抜書き:デューイ『民主主義と教育』〜第2章3(1)
J.デューイ著、松野安男訳『民主主義と教育(上)』岩波書店、1975年。
第2章 社会の機能としての教育
3、教育的なものとしての社会的環境
(35-37頁)
われわれの考察の正味の成果は、これまでのところ、次のことである。すなわち、社会的環境は、一定の衝動を呼び醒まし、強化し、また一定の目的をもち、一定の結果を伴う活動に、人々を従事させることによって、彼らの中に知的および情動的な行動の諸傾向を形成する、ということである。音楽家の家庭で育つ子どもは、彼が音楽に関してもっている素質はどれもみな不可避的に刺激されるだろう。しかも、相対的には、それらは、別の環境で目醒ませられたかもしれない他の衝動よりも強く刺激されるだろう。音楽に興味をもち、しかも音楽に関して一定の能力を獲得するのでなければ、彼は「仲間外れ」になり、自分が所属する集団の生活に加わることができない。人間にとって、自分に関係のある人々の生活に何らかの形で参加することは不可避のことである。そういう参加という点から言えば、社会的環境は、無意識的に、そしてはっきりと決められた目的のどれども無関係に、教育的すなわち形成的な影響を与えるのである。
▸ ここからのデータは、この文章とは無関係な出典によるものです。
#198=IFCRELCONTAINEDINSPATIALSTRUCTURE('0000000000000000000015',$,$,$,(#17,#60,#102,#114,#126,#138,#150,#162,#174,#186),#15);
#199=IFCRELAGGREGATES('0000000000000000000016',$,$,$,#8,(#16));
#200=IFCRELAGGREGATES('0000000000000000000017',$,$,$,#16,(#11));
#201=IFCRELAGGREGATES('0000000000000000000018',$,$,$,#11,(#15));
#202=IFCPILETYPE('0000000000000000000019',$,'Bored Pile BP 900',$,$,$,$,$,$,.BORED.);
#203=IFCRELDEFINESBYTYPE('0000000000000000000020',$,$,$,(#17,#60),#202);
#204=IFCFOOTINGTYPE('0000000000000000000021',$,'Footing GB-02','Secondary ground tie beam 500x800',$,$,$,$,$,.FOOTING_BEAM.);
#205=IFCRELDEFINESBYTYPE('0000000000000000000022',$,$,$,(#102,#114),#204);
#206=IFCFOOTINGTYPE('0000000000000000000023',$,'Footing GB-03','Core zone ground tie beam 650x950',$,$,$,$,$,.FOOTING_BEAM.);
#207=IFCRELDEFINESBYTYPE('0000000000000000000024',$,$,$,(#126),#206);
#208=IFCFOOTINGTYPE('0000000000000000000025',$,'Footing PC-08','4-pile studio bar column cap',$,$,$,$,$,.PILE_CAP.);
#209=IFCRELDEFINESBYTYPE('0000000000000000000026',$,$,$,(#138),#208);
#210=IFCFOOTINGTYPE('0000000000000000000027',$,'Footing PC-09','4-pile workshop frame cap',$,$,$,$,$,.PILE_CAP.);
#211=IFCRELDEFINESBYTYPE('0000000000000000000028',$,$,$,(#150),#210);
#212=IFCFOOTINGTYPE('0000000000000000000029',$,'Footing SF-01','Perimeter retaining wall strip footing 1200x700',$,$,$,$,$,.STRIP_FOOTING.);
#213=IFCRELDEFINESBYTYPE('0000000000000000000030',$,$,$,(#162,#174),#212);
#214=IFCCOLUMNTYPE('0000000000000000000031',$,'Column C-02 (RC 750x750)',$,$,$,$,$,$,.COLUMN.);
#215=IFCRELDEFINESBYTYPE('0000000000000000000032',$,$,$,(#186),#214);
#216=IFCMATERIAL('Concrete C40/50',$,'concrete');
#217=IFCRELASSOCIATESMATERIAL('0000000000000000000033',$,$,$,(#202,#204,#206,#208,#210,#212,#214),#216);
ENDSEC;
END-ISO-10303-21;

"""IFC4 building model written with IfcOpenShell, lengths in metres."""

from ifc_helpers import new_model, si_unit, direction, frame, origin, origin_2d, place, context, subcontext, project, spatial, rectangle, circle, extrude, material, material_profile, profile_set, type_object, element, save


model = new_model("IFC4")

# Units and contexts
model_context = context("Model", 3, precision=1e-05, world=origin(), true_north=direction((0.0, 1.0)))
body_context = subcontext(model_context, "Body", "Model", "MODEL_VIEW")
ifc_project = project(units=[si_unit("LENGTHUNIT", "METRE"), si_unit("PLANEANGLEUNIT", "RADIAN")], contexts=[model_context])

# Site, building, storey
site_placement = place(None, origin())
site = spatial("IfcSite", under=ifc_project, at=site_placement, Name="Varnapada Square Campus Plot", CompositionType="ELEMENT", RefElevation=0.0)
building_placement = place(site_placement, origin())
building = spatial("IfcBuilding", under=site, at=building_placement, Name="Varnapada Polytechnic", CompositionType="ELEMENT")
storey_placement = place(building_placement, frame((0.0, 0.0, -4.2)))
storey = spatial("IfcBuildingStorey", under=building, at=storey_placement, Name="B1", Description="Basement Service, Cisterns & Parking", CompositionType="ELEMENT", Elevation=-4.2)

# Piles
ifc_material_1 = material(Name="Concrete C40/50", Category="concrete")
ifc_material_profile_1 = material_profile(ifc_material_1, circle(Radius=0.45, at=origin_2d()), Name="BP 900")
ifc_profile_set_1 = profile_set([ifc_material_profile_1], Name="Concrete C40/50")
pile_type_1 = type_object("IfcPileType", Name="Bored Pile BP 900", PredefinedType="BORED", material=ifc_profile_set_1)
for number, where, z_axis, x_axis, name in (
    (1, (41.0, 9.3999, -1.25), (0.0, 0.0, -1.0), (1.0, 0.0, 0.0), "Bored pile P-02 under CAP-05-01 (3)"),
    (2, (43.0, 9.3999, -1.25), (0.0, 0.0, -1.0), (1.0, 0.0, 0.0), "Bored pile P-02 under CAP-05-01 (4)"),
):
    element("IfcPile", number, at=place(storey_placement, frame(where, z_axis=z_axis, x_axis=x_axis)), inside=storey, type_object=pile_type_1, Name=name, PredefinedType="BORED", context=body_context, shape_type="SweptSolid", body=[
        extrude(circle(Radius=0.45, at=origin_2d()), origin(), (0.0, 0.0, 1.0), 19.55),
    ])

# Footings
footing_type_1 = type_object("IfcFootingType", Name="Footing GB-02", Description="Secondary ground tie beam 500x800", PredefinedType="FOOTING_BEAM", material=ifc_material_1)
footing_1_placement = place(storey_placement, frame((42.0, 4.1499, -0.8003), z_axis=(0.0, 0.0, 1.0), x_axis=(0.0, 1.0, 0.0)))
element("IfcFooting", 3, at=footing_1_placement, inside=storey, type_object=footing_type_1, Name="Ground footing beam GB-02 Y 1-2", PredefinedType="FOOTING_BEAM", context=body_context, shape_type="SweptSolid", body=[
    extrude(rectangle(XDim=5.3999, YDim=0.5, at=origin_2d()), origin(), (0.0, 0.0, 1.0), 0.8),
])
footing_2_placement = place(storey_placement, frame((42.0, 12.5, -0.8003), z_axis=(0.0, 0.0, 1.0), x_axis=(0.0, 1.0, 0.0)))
未開人や野蛮人の社会では、そのような社会生活への直接的参加(これまでに論じてきた間接的ないし付随的教育はそれによって成り立っているのである)の与える影響が、子どもたちを育てて、その集団の慣行や信念を身につけさせて行くための、ほとんど唯一の作用である。今日の社会においても、学校教育を最も強く受けた若者でさえも、その基礎的養育を、そのような直接的参加から受けるのである。その集団がもつ関心や業務に応じて、ある種の事物は大いに尊重される対象になり、他の事物は反感の対象になる。共同生活は愛情や嫌悪の衝動を創り出しはしないが、それらが結びつく対象を与える。われわれの集団または仲間が事をなす行動様式は、注意を向けるにふさわしい対象を決定し、したがってまた、観察や記憶の方向や限界を規定する傾向がある。見慣れないものとか、異質なもの(すなわち、その集団の活動の範囲を越える外的なもの)は、道徳的に禁止され、知的には疑わしいものとされがちである。たとえば、われわれが非常によく知っていることが昔は見落とされていたということがありえたとは、われわれにとってほどんど信じられないことのように思われる。われわれは、昔の人々は生来愚鈍であったとし、われわれの側には生まれつきの優れた知能があるとすることによって、そのことを説明しがちである。けれども、それを説明する理由は、彼らの生活様式がそういう事実に対して注意を喚起しないで、他の事柄に彼らの精神を集中させていた、ということなのである。感覚が刺激されるために感じうる対象が必要であるのとちょうど同じように、われわれの観察、回想、想像の能力は独りでに働くわけではないのであって、広く一般に行なわれている社会の諸業務によって起こされた要求によって発動させられるのである。性向の素地は、学校教育とは無関係に、そのような影響下で形成された諸能力を解放して、もっと十分に働くようにしてやること、それが能力から粗雑さをいくらか除去してやること、いろいろな対象を与えて、それによって、それらの活動が意味をより多く産み出すことができるようにしてやることである。